Robust Regression

Abstract

Consider the multivariate linear model

$$ Y_i = X'_i \beta + E_i ,{\text{ }}i = 1,...,n, $$

(9.1)

where Y_i : p × 1 is the observation on the i^th individual, X_i : q × p is the design matrix with known elements, β : q × 1 is a vector of unknown regression coefficients, and E_i : p × 1 is the unobservable random error that is usually assumed to be suitably centered and to have a p-variate distribution. A central problem in linear models is estimating the regression vector β. Note that model (9.1) reduces to the univariate regression model when p = 1, which we can write as

$$ y_i = x'_i \beta + \varepsilon _i ,{\text{ }}i = 1,...,n, $$

(9.2)

where x_i is now a q-vector.
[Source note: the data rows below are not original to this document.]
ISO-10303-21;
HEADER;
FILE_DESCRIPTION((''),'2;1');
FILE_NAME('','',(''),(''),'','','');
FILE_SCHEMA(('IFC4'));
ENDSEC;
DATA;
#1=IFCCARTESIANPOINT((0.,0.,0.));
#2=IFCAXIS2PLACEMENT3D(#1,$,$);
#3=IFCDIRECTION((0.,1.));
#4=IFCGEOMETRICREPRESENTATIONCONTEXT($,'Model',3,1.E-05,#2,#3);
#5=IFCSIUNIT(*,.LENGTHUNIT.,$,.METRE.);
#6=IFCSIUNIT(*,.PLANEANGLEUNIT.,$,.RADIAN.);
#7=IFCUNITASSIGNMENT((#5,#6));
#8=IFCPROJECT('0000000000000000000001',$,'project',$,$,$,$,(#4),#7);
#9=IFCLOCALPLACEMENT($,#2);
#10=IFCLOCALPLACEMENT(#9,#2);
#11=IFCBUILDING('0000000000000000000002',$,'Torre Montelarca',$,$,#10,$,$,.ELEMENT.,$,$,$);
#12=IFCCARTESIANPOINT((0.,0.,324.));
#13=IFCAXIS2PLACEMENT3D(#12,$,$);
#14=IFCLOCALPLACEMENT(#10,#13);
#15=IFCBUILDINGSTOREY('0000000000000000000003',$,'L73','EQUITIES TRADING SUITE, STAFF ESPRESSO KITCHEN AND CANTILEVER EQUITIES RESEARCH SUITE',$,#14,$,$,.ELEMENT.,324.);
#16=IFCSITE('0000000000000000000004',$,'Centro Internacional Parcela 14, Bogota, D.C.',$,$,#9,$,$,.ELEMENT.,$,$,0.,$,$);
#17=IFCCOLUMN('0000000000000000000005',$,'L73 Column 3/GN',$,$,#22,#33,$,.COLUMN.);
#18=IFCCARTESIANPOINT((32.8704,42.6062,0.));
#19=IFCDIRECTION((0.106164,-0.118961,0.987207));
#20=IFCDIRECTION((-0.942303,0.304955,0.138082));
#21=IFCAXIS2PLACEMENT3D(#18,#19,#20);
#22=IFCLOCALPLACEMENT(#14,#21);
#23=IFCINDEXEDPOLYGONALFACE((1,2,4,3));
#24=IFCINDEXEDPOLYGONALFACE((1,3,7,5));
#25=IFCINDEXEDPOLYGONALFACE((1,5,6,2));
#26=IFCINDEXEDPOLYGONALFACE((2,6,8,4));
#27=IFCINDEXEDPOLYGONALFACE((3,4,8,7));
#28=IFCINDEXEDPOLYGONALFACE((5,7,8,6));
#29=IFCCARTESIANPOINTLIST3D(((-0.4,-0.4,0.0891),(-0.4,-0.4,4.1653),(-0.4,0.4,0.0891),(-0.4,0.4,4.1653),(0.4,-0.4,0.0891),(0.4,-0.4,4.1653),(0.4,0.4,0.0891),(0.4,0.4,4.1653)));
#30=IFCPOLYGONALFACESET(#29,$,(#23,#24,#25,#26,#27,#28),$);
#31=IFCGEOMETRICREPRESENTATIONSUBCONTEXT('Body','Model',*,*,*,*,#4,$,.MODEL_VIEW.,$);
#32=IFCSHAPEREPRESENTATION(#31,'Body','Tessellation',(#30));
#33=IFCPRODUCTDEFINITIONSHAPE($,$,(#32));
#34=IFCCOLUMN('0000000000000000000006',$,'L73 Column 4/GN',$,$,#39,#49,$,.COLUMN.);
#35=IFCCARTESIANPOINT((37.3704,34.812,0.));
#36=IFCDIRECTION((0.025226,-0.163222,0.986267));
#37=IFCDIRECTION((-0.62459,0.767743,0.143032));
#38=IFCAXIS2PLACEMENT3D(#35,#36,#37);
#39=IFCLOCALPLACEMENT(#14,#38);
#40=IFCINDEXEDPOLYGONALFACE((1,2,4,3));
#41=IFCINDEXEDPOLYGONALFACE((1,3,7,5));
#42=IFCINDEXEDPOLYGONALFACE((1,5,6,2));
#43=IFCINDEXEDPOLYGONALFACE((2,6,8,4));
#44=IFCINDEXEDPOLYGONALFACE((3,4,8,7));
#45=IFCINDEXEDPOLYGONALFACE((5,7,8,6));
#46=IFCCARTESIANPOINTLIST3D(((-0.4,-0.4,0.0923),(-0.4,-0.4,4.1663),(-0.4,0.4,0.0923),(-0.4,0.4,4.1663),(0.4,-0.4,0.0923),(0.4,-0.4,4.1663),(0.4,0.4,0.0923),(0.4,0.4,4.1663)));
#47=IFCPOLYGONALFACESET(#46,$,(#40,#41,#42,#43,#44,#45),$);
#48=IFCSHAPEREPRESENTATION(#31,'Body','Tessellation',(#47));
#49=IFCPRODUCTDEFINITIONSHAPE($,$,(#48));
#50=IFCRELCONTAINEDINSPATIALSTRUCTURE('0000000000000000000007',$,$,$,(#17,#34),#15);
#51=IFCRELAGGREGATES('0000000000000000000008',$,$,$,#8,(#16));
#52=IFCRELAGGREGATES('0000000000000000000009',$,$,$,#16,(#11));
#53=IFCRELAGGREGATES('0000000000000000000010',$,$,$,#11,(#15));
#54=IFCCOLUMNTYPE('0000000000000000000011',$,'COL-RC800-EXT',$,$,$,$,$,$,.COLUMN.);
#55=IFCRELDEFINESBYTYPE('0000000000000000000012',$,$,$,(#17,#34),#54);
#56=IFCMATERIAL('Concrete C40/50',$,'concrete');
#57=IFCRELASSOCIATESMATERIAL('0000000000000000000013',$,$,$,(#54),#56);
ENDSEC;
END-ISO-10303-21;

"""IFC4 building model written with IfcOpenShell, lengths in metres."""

from ifc_helpers import new_model, si_unit, direction, frame, origin, origin_2d, place, context, subcontext, project, spatial, rectangle, extrude, clip, halfspace, material, material_profile, profile_set, type_object, element, save


model = new_model("IFC4")

# Units and contexts
model_context = context("Model", 3, precision=1e-05, world=origin(), true_north=direction((0.0, 1.0)))
body_context = subcontext(model_context, "Body", "Model", "MODEL_VIEW")
ifc_project = project(units=[si_unit("LENGTHUNIT", "METRE"), si_unit("PLANEANGLEUNIT", "RADIAN")], contexts=[model_context])

# Site, building, storey
site_placement = place(None, origin())
site = spatial("IfcSite", under=ifc_project, at=site_placement, Name="Centro Internacional Parcela 14, Bogota, D.C.", CompositionType="ELEMENT", RefElevation=0.0)
building_placement = place(site_placement, origin())
building = spatial("IfcBuilding", under=site, at=building_placement, Name="Torre Montelarca", CompositionType="ELEMENT")
storey_placement = place(building_placement, frame((0.0, 0.0, 324.0)))
storey = spatial("IfcBuildingStorey", under=building, at=storey_placement, Name="L73", Description="EQUITIES TRADING SUITE, STAFF ESPRESSO KITCHEN AND CANTILEVER EQUITIES RESEARCH SUITE", CompositionType="ELEMENT", Elevation=324.0)

# Columns
ifc_material_1 = material(Name="Concrete C40/50", Category="concrete")
ifc_material_profile_1 = material_profile(ifc_material_1, rectangle(XDim=0.8, YDim=0.8, at=origin_2d()), Name="RC800X800", Category="concrete")
ifc_profile_set_1 = profile_set([ifc_material_profile_1], Name="Concrete C40/50")
column_type_1 = type_object("IfcColumnType", Name="COL-RC800-EXT", PredefinedType="COLUMN", material=ifc_profile_set_1)
column_1_placement = place(storey_placement, frame((32.8704, 42.6062, 0.0), z_axis=(0.106164, -0.118961, 0.987207), x_axis=(-0.942303, 0.304955, 0.138082)))
element("IfcColumn", 1, at=column_1_placement, inside=storey, type_object=column_type_1, Name="L73 Column 3/GN", PredefinedType="COLUMN", context=body_context, shape_type="Clipping", body=[
    clip(clip(extrude(rectangle(XDim=0.8, YDim=0.8, at=origin_2d()), origin(), (0.0, 0.0, 1.0), 4.2544), halfspace(frame((0.0, 0.0, 0.0891), z_axis=(0.0, 0.0, -1.0), x_axis=(1.0, 0.0, 0.0)), False)), halfspace(frame((0.0, 0.0, 4.1653), z_axis=(0.0, 0.0, 1.0), x_axis=(1.0, 0.0, 0.0)), False)),
])
column_2_placement = place(storey_placement, frame((37.3704, 34.812, 0.0), z_axis=(0.025226, -0.163222, 0.986267), x_axis=(-0.62459, 0.767743, 0.143032)))
element("IfcColumn", 2, at=column_2_placement, inside=storey, type_object=column_type_1, Name="L73 Column 4/GN", PredefinedType="COLUMN", context=body_context, shape_type="Clipping", body=[
    clip(clip(extrude(rectangle(XDim=0.8, YDim=0.8, at=origin_2d()), origin(), (0.0, 0.0, 1.0), 4.2585), halfspace(frame((0.0, 0.0, 0.0923), z_axis=(0.0, 0.0, -1.0), x_axis=(1.0, 0.0, 0.0)), False)), halfspace(frame((0.0, 0.0, 4.1663), z_axis=(0.0, 0.0, 1.0), x_axis=(1.0, 0.0, 0.0)), False)),
])

save(model, "model.ifc")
Model (9.1) becomes the classical multivariate regression, also called MANOVA model, when X_i : q × p is of the special form

$$ X_i = \left( {\begin{array}{*{20}c} {x_i } \\ 0 \\ \vdots \\ 0 \\ \end{array} \begin{array}{*{20}c} 0 \\ {x_i } \\ \vdots \\ 0 \\ \end{array} \begin{array}{*{20}c} \cdots \\ \cdots \\ \cdots \\ \cdots \\ \end{array} \begin{array}{*{20}c} 0 \\ 0 \\ \vdots \\ {x_i } \\ \end{array} } \right), $$

(9.3)

where x_i : m × 1 and q = mp. Our discussion of the general model will cover both classical cases considered in the literature.